A real-valued function has to output a real number or a vector that is composed only of real numbers.
But can a scalar-valued function or vector-valued function output an imaginary number if it is not also labeled as real-valued?
For example, is this a scalar valued function?
$$ f:x \mapsto x\sqrt{-1} $$
On
Scalar means with values in the base field, whatever that field is. It depends on the context. The terminology is derived from the fact that when you multiply a set of vectors by a number, you scale the picture (you change the scale but not the overall shape). Hence numbers are "scalers".
When geometry and linear algebra get axiomatised, and you start working over an arbitrary vector/affine space over some base field, scalars are elements of the field. In particular, it could very well be the field of complex numbers.
A general truth in mathematics is that functions do not exist independently from their domain and codomain. This is a misconception generated by those pre-calc problems where they asked you to "find the domain" of a certain formula. So $f$ by itself (the "mapping rule") is not a function; $f : A \to B$, instead, is. Therefore, you need to specify what $A$ and $B$ are when defining a function.

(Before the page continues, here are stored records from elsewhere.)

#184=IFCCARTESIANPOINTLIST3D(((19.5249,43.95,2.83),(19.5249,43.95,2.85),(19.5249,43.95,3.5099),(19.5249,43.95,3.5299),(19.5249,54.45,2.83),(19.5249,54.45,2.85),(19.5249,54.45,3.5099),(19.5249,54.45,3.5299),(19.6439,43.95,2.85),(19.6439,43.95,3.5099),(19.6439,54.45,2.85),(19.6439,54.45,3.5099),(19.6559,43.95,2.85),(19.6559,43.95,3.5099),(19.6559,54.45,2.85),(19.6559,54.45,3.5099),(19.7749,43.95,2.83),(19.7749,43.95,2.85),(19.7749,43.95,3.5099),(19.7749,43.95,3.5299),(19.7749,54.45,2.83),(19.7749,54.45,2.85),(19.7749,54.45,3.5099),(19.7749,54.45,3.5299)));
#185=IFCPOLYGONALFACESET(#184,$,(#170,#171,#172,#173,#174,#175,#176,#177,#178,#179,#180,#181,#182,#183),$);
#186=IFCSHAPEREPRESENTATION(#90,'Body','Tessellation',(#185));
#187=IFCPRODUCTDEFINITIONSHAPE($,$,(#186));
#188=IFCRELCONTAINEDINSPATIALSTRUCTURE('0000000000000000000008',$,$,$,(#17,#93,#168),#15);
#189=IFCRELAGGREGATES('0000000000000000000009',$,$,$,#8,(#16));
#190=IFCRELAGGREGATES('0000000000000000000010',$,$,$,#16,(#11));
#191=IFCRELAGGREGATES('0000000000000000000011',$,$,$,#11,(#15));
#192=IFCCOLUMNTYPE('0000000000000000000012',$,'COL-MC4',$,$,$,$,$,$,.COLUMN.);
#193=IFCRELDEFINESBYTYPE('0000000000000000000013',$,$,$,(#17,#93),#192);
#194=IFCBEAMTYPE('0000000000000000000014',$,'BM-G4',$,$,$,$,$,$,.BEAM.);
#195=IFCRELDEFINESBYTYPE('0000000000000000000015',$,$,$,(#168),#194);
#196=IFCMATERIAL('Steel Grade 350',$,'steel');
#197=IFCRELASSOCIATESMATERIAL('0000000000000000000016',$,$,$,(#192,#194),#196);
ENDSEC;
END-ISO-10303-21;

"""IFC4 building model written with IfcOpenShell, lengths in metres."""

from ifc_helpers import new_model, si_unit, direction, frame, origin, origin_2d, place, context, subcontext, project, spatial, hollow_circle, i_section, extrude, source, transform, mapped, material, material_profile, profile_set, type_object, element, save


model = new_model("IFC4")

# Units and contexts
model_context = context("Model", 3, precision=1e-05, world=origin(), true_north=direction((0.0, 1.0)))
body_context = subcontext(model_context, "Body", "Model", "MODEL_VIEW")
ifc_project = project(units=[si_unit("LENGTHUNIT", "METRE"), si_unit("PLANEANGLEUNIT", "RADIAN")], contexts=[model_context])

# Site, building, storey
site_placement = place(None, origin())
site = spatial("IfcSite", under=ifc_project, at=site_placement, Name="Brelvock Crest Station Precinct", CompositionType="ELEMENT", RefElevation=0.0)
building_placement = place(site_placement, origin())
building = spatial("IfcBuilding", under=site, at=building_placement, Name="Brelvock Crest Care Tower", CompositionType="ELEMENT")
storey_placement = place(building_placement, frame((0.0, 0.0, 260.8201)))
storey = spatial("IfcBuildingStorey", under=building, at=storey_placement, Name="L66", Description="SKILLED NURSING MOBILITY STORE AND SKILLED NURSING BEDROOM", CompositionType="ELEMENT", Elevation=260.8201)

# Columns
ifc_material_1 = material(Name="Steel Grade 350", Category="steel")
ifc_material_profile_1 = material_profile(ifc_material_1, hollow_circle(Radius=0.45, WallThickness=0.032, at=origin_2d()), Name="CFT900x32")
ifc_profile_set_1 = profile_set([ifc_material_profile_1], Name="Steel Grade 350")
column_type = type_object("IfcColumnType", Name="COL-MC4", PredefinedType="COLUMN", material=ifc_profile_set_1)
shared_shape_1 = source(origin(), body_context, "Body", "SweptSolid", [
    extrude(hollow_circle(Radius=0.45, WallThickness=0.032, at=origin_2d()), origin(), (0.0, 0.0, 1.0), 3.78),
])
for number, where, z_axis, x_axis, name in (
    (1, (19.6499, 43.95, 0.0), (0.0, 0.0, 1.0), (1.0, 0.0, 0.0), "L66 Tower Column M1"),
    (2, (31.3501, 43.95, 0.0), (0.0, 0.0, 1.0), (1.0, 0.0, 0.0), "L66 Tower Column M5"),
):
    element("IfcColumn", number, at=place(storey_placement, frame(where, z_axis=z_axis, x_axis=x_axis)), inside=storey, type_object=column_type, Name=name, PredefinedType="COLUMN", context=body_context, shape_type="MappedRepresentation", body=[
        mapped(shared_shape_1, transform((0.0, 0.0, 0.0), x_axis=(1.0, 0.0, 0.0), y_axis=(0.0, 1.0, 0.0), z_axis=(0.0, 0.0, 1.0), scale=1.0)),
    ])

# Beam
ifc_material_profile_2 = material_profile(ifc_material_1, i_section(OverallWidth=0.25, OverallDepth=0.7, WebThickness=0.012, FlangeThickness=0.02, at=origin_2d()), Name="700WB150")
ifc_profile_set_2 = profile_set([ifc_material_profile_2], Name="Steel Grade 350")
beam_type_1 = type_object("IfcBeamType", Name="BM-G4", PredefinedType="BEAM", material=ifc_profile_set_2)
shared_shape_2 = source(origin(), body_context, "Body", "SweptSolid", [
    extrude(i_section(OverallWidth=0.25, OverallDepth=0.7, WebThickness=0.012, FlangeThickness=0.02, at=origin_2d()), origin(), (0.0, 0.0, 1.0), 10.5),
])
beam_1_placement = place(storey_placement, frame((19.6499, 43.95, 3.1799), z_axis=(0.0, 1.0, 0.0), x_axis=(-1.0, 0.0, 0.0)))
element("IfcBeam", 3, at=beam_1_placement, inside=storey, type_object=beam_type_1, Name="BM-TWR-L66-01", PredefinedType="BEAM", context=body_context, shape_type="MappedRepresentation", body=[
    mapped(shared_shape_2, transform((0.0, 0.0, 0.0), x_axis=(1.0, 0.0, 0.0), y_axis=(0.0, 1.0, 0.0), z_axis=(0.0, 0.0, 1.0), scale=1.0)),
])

Real numbers live in $\mathbb R$. Real euclidean vectors live in $\mathbb R^n$ for some $n$. A function from $f : \mathbb R \to \mathbb R$ is called real(-valued) function of one real variable. A function $f : \mathbb R \to \mathbb R^n$ is called vector(-valued) function of one real variable. A function $f : \mathbb R^k \to \mathbb R$ is called a real(-valued) function of $k$ real variables. Just guess what functions like $f : \mathbb R^k \to \mathbb R^n$ are.
In the context of real vector spaces, and in particular $\mathbb R^n$, scalars are the elements of the base field of the vector space. In the case of $\mathbb R^n$, that field is most naturally $\mathbb R$. So any time you find "real(-valued)" in the above nomenclatures, you may substitute scalar(-valued).
As you know, the imaginary unit $i$ is not in $\mathbb R$, so the function you proposed (wherever your $x$ comes from) may never be of the kinds listed above. However, if $x$ came from $\mathbb C$ or $\mathbb C^n$, the map $x \mapsto ix$ would not be such a strange sight.